Plaintiff’s view of the AFDC program would require that we choose between the important societal goal of protecting needy dependent children and the legitimate governmental interest in protecting the integrity of the welfare programs. We do not believe these two interests are irreconcilable, or that Pennsylvania’s policy as applied to the facts in this case fails to adequately accommodate both interests.
The precedent on which plaintiff relies establishes that a presumption which has no basis in fact or law cannot be sustained. State statutes and regulations denying eligibility where the mother in a fatherless household cohabited with another man were invalidated as inconsistent with the Social Security Act because they presumed support which was not forthcoming and which the “substitute father” had no legal obligation to provide. Van Lare v. Hurley, supra, Lewis v. Martin, supra, King v. Smith, supra. We may assume, for analytic purposes, that Pennsylvania’s policy operates in effect as a presumption that a former caretaker parent who has received a grant on the child’s behalf will disburse those funds in the child’s behalf. However, unlike the facts at issue in the Supreme Court cases, here the parent who received the grant had a legal obligation to support the child on whose behalf the grant was made.

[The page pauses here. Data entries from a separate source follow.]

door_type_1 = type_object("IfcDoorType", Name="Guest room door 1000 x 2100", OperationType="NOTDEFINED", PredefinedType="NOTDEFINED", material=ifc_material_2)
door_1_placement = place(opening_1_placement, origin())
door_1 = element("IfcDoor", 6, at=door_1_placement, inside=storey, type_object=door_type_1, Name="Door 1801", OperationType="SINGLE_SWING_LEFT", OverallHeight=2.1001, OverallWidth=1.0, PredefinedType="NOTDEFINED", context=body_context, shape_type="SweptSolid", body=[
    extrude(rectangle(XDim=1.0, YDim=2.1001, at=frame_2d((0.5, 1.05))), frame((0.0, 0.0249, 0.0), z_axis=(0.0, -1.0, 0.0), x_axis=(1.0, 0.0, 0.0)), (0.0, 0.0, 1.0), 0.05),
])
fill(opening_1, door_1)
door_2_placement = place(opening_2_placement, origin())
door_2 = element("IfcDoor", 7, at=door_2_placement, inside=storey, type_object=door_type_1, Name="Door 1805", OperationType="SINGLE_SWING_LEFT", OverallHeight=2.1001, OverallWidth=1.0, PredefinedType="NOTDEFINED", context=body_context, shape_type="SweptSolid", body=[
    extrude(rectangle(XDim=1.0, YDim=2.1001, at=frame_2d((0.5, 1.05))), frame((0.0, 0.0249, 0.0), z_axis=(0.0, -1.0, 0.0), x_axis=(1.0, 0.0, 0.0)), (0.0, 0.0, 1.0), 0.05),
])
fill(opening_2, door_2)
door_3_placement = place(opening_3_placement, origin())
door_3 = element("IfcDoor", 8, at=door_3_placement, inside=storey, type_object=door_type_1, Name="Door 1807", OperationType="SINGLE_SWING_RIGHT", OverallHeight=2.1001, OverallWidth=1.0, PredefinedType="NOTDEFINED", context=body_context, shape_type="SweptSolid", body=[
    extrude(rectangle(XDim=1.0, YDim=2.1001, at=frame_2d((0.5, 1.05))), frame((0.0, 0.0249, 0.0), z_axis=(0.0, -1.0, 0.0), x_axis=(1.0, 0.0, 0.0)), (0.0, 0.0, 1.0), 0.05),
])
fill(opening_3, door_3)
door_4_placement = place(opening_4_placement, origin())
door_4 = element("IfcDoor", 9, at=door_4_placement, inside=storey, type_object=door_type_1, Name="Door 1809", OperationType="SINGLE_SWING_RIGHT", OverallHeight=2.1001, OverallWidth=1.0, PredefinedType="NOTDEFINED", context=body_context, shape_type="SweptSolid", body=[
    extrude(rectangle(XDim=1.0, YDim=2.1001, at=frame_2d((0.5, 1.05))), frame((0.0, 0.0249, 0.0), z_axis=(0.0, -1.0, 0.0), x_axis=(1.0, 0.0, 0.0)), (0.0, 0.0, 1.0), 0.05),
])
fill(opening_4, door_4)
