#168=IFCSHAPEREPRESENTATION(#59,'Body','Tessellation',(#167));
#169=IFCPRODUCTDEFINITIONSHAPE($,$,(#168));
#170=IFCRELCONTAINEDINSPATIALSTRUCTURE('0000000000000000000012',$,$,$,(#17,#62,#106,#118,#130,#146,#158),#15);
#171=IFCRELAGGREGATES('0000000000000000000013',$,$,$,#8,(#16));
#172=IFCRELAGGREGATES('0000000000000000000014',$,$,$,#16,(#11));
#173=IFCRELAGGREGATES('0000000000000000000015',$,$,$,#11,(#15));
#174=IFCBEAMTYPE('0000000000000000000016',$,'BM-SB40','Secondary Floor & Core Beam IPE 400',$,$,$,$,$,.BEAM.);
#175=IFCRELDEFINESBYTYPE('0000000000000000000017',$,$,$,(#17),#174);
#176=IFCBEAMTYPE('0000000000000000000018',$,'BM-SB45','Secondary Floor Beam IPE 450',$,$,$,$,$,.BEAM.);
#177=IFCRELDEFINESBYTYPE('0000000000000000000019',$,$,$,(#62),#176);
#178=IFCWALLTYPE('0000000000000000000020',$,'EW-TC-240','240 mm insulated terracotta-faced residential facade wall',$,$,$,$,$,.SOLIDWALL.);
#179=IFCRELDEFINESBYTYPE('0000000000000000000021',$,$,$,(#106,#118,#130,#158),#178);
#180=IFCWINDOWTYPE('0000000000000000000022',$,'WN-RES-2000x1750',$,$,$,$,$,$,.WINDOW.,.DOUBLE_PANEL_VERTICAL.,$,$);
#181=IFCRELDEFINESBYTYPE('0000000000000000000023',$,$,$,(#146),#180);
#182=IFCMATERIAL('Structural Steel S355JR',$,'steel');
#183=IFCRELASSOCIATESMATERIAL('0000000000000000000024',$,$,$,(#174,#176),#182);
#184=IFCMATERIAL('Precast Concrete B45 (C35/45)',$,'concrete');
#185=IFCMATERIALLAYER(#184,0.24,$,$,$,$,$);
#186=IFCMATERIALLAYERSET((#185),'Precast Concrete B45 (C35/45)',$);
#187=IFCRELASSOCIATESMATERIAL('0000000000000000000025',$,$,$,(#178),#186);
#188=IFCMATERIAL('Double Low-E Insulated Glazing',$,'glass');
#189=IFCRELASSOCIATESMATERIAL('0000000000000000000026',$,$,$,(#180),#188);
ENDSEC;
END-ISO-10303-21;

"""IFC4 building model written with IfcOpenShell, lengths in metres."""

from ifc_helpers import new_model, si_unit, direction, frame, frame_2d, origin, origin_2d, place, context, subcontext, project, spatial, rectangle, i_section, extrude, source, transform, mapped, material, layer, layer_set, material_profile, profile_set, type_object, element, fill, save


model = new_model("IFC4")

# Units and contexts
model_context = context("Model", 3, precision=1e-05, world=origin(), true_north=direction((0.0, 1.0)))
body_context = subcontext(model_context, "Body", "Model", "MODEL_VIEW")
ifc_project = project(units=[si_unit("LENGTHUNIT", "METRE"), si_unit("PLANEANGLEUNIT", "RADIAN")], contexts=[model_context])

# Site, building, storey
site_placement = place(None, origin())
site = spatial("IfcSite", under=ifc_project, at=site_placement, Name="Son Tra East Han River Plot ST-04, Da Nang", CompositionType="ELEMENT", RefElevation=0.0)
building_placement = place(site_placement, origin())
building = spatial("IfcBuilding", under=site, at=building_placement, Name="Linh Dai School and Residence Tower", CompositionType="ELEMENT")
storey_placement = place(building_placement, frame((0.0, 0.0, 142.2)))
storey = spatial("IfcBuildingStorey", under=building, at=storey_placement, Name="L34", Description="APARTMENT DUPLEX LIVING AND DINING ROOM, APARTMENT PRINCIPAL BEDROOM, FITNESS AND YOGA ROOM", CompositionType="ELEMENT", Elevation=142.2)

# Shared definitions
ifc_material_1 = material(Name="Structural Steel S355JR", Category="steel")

In all of the above cases this factor was emphasized by the Court. In King v. Smith, the first of that line of cases, the Court held that Alabama could not equate the “substitute father” with the absent father. It said that “children of fathers living in the home are in a very different position from children of mothers who cohabit with men not their fathers: the child’s father has a legal duty to support him, while the unrelated substitute father, at least in Alabama, does not. We believe Congress intended the term ‘parent’ in § 406(a) of the Act, 42 U.S.C. § 606(a), to include only those persons with a legal duty of support.” 392 U.S. at 327, 88 S.Ct. at 2138. See also id. at 329, 88 S.Ct. at 2139. Similarly, in Lewis v. Martin, 397 U.S. at 560, 90 S.Ct. at 1286, the Court continued to observe the distinction, holding that even when the resource attributee is a stepfather, “California may not consider the child’s resources to include either the income of a nonadopting stepfather who is not legally obligated to support the child as is a natural parent . . . In Van Lare v. Hurley, the Court summarized its holdings in the prior two cases as follows: “King v. Smith, supra, and Lewis v. Martin, supra, construe the federal law and regulations as barring the States from assuming that nonlegally responsible persons will apply their resources to aid the welfare child.” 421 U.S. at 347, 95 S.Ct. at 1747 (emphasis added).

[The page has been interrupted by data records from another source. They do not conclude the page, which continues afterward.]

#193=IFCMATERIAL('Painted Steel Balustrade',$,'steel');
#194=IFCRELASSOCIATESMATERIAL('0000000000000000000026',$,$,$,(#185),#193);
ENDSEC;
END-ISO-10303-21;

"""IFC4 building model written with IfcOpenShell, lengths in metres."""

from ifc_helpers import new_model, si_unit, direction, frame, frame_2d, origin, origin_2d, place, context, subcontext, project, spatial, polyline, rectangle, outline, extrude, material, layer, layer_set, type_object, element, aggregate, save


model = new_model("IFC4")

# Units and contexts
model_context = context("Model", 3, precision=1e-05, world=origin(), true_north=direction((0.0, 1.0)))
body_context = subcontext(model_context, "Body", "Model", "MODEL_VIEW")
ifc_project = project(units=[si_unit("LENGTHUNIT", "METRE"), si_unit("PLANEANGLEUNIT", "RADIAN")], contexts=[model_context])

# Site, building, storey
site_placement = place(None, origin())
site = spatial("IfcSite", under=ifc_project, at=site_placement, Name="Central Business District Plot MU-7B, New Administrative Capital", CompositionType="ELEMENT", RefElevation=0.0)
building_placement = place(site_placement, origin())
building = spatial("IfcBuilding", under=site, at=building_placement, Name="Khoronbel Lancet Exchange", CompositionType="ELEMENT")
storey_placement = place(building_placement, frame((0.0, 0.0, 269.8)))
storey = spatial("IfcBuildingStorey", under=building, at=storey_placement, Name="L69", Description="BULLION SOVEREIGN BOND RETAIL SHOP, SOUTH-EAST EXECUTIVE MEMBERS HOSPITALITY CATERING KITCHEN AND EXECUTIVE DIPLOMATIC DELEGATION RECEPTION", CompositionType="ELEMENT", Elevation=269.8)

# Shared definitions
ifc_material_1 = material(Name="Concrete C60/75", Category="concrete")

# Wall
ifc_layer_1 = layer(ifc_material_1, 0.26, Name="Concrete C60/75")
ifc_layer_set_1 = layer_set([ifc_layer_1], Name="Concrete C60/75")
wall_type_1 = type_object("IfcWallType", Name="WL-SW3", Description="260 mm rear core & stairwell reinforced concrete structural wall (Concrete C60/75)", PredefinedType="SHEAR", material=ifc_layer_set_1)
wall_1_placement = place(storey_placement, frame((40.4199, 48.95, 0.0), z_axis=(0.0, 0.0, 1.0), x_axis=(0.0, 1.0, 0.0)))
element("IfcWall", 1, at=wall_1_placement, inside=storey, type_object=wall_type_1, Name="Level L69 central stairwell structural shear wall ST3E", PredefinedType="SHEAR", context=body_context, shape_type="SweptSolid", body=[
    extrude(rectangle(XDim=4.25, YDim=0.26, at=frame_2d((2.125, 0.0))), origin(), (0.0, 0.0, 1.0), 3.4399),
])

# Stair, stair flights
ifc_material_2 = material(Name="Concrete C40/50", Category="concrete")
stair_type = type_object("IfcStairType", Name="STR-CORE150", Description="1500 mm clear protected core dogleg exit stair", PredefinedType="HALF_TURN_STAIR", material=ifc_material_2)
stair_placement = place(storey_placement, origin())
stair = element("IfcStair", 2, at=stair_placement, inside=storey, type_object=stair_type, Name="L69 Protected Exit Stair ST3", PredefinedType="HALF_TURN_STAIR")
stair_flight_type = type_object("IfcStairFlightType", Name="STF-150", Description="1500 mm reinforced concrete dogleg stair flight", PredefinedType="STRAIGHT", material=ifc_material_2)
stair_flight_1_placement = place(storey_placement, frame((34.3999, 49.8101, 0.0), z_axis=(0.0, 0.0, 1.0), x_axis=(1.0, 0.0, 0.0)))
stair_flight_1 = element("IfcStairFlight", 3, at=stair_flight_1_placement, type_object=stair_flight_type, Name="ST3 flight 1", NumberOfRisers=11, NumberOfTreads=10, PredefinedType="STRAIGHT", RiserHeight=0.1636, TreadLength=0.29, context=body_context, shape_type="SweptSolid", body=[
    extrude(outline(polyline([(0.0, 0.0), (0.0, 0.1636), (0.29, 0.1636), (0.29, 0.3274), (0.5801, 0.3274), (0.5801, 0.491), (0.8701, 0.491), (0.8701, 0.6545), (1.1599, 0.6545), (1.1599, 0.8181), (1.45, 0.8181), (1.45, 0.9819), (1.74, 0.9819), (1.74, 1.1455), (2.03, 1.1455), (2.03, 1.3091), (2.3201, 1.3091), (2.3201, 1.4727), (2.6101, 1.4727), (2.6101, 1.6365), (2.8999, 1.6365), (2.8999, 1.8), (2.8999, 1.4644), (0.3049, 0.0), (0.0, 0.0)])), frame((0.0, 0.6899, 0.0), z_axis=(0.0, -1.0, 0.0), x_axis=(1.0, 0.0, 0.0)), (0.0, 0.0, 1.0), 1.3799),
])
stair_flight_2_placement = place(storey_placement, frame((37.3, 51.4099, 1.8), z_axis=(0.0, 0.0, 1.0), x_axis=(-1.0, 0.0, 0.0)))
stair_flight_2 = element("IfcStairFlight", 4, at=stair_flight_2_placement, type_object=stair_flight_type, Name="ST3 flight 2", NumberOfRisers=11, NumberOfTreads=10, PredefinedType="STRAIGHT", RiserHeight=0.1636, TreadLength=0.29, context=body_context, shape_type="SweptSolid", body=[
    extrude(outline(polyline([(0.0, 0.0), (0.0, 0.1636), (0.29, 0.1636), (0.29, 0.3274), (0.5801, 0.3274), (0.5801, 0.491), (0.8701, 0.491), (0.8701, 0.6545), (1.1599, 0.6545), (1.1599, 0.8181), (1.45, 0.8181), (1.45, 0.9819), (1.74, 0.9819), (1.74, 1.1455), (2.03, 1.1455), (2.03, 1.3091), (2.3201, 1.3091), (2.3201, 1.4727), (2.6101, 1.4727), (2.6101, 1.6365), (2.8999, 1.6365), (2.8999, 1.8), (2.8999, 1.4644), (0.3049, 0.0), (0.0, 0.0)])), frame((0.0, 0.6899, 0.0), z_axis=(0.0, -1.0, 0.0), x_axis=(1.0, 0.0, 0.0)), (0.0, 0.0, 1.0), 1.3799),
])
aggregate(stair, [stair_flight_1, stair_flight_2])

Thus, this case differs from the precedent relied on by plaintiff in two important respects. First, Mrs. Jackson was not a person without legal liability to Tarik. On the contrary, she was his mother and as such had a legal obligation to contribute to his support, whether or not he resided in her household, particularly when she was the
Although we do not agree with plaintiff that the specific provisions he cites compel the duplicate payments, neither do we agree with defendants that the regulation which they cite explicitly forbids such payments. The regulation, 45 C.F.R. § 233.-90(c)(2) (1979), provides that federal financial participation will be available for payment to households in four discrete situations. Two of these four situations are (i) for a short period before a child goes to live with a specified relative and (iii) for a short period after a child has left the home of the relative.

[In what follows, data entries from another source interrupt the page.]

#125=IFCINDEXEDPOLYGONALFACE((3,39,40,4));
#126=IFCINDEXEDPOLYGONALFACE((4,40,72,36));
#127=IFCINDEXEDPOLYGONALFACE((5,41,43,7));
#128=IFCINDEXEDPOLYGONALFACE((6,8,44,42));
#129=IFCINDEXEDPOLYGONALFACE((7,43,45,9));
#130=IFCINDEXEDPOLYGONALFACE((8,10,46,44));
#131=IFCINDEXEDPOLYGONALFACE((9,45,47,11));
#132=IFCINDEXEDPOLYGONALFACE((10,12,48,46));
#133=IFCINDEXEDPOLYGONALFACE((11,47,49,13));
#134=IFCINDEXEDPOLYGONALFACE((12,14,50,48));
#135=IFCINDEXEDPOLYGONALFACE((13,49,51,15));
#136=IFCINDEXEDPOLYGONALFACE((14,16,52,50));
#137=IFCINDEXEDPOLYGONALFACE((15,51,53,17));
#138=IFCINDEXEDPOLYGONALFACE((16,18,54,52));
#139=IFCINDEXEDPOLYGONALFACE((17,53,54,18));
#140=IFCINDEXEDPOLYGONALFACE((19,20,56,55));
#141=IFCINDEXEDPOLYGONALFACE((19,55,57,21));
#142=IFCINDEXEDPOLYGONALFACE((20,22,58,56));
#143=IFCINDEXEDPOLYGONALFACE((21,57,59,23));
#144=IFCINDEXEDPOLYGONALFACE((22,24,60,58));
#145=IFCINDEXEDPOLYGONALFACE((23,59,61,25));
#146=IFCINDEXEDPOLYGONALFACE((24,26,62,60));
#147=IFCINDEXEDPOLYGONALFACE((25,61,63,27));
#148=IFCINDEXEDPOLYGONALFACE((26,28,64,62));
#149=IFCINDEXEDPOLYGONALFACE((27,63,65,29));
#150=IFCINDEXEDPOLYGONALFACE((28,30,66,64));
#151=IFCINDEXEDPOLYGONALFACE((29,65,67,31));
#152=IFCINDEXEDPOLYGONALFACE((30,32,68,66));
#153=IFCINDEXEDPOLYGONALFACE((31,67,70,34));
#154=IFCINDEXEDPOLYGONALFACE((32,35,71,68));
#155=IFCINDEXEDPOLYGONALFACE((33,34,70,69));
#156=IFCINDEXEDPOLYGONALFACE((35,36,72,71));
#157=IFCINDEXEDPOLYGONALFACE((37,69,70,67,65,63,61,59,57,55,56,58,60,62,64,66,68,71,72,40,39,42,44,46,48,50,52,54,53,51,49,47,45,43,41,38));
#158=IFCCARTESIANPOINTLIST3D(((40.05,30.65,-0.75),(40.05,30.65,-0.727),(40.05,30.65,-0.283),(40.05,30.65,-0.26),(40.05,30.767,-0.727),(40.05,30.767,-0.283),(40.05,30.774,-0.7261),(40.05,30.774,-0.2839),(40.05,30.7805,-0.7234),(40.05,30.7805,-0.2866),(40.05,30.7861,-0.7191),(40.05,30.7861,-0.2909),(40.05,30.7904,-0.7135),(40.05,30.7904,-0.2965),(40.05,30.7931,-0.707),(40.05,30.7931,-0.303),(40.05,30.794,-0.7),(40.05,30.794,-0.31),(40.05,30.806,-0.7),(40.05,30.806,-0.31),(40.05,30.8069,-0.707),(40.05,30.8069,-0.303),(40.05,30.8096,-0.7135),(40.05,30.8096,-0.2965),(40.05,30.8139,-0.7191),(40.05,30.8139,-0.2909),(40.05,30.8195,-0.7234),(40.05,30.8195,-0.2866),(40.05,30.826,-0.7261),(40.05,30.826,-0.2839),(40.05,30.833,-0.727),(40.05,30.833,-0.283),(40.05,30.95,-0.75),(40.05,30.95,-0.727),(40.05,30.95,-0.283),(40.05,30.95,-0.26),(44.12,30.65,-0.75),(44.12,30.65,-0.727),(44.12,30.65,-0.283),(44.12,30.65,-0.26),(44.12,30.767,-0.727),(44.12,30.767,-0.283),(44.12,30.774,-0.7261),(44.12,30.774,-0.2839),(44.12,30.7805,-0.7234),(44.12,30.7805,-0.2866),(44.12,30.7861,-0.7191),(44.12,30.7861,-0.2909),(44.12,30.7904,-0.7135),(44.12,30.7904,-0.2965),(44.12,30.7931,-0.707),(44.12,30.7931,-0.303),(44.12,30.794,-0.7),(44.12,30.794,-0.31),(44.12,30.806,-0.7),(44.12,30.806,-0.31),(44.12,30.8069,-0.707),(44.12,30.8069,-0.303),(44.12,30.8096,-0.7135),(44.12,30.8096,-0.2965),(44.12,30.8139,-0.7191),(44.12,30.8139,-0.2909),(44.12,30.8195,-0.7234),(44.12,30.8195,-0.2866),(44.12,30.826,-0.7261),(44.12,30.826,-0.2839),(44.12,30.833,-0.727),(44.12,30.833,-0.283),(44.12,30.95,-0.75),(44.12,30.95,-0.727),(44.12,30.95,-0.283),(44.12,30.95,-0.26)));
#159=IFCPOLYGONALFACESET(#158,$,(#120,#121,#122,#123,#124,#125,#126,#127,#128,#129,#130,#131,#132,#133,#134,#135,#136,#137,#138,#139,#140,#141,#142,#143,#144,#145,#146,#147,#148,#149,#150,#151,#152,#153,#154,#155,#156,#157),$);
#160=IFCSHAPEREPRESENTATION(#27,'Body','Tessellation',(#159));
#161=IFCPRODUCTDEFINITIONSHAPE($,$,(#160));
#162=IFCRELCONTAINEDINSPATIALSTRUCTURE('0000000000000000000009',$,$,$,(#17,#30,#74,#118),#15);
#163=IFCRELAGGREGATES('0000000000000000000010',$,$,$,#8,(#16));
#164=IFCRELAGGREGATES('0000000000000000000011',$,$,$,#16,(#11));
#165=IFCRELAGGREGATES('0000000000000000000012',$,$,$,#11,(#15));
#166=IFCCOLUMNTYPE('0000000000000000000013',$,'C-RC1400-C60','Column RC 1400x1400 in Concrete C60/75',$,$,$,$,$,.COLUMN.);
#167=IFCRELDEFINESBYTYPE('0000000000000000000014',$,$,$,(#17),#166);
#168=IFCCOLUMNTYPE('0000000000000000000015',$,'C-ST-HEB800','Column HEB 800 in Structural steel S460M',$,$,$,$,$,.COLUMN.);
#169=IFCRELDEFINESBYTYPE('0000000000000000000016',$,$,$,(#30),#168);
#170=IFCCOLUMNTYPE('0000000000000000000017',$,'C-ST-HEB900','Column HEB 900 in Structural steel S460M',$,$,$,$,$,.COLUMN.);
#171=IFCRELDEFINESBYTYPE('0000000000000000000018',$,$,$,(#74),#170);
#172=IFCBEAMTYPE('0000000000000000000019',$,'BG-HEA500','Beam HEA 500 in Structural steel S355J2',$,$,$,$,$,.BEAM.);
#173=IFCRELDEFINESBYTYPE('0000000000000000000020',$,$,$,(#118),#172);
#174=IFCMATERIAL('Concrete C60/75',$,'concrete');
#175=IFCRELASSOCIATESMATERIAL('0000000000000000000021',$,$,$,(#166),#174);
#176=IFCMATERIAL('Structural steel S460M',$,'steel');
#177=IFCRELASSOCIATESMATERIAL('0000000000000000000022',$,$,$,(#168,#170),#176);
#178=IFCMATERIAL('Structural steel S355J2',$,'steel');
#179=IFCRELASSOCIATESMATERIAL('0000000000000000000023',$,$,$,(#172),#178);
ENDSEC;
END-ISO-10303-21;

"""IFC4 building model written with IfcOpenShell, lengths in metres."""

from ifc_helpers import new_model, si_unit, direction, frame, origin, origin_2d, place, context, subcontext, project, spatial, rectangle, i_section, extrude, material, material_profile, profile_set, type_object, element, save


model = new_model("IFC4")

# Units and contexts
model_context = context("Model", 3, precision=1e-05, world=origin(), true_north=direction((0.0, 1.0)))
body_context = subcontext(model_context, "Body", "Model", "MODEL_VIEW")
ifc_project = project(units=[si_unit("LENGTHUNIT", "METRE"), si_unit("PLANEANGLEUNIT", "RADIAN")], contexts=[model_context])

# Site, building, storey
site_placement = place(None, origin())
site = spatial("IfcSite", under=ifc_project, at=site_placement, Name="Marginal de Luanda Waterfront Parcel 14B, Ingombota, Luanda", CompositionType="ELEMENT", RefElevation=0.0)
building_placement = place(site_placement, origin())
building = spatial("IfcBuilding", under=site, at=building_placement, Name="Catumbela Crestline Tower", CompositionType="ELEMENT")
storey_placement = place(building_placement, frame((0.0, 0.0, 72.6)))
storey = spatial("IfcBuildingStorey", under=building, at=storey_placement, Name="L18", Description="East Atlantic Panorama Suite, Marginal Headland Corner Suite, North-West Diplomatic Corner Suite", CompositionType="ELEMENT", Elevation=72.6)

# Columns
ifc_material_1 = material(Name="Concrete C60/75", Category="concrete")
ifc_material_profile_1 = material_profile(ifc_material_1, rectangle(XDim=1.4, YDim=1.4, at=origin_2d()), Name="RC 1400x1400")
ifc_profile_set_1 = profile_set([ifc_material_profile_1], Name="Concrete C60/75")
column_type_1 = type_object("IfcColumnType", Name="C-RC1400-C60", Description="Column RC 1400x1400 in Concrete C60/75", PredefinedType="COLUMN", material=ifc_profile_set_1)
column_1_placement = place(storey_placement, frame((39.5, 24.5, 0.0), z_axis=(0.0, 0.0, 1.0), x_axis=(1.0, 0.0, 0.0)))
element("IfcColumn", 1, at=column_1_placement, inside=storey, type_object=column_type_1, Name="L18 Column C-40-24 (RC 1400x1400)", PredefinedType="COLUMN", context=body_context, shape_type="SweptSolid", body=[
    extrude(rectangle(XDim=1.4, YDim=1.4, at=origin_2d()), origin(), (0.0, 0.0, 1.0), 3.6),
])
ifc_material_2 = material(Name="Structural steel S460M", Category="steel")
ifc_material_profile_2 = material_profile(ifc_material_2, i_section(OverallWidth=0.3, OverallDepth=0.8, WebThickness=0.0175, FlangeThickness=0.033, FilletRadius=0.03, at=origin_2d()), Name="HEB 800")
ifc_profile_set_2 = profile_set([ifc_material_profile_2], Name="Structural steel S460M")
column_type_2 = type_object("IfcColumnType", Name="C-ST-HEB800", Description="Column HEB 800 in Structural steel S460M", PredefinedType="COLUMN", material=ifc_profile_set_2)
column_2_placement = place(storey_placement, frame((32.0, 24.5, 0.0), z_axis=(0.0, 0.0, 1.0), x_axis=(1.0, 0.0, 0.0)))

There have been only scant references to this regulation in the reported cases, but they indicate that the regulation pertains to a situation inapposite here. In Burns v. Alcala, 420 U.S. 575, 95 S.Ct. 1180, 43 L.Ed.2d 469 (1975), the Court referred to the provisions of the regulation as authorizing “temporary aid, at the option of the States, to individuals in the process of gaining or losing eligibility for the AFDC program. For example, one of the accompanying rules authorizes States to pay AFDC benefits to a relative 30 days before the eligible child comes to live in his home. 45 C.F.R. § 233.90(c)(2).” Id. at 584-85. The rationale for the regulation which makes federal reimbursement available in instances where technical eligibility is not present has been explained as follows:
Under section 233.90(c)(2)(i), AFDC payments can be made to an eligible relative up to 30 days before the child is placed in the care of that relative. Since at the time a relative receives such payments he is not caring for a “dependent child,” the payments are obviously beyond the statutory parameters. Just as obviously, however, such payments will enable the relative to purchase necessary food, clothing, toys and household items so that when the child does come into the relative’s custody, proper care can begin immediately. Under section 233.90(c)(2)(iii), a relative can receive payments for an entire month, even if the child leaves the eligible family situation sometime during the same month. Again, technical eligibility may be lost with the child’s departure, but not absent are the obligations to pay for major expenses, such as rent and furniture, incurred in part for the child’s benefit. In addition, the regulation avoids administrative problems inherent in attempting to allocate payments for less than a month.
Parks v. Harden, 504 F.2d 861, 875 (5th Cir. 1974) (Ainsworth, J., dissenting) (footnotes omitted), vacated and remanded, 421 U.S. 926, 95 S.Ct. 1651, 44 L.Ed.2d 84 (1975).
Accordingly, the language of the regulation does not resolve the issue of construction presented here since it does not point decisively in either direction. Nor can we find much assistance in the statutory provi
The premise of the dissenting opinion is that “only Wayne Jackson’s income may be considered in determining Tarik’s eligibility for AFDC benefits.” (dissenting op. typescript at 342). We believe the dissent mis-perceives the issue, since the issue is not whether Tarik was eligible for benefits, which he concededly was, but whether he was eligible for double benefits. Thus the regulation on which the dissent relies is inapposite since it applies by its terms only for the purposes of “establishing financial eligibility and the amount of the assistance payment,” 45 C.F.R. § 233.90(a)(1), neither of which is at issue here. The Act requires that the states must furnish aid to a needy dependent child. We cannot read it to require that the state must furnish such aid twice.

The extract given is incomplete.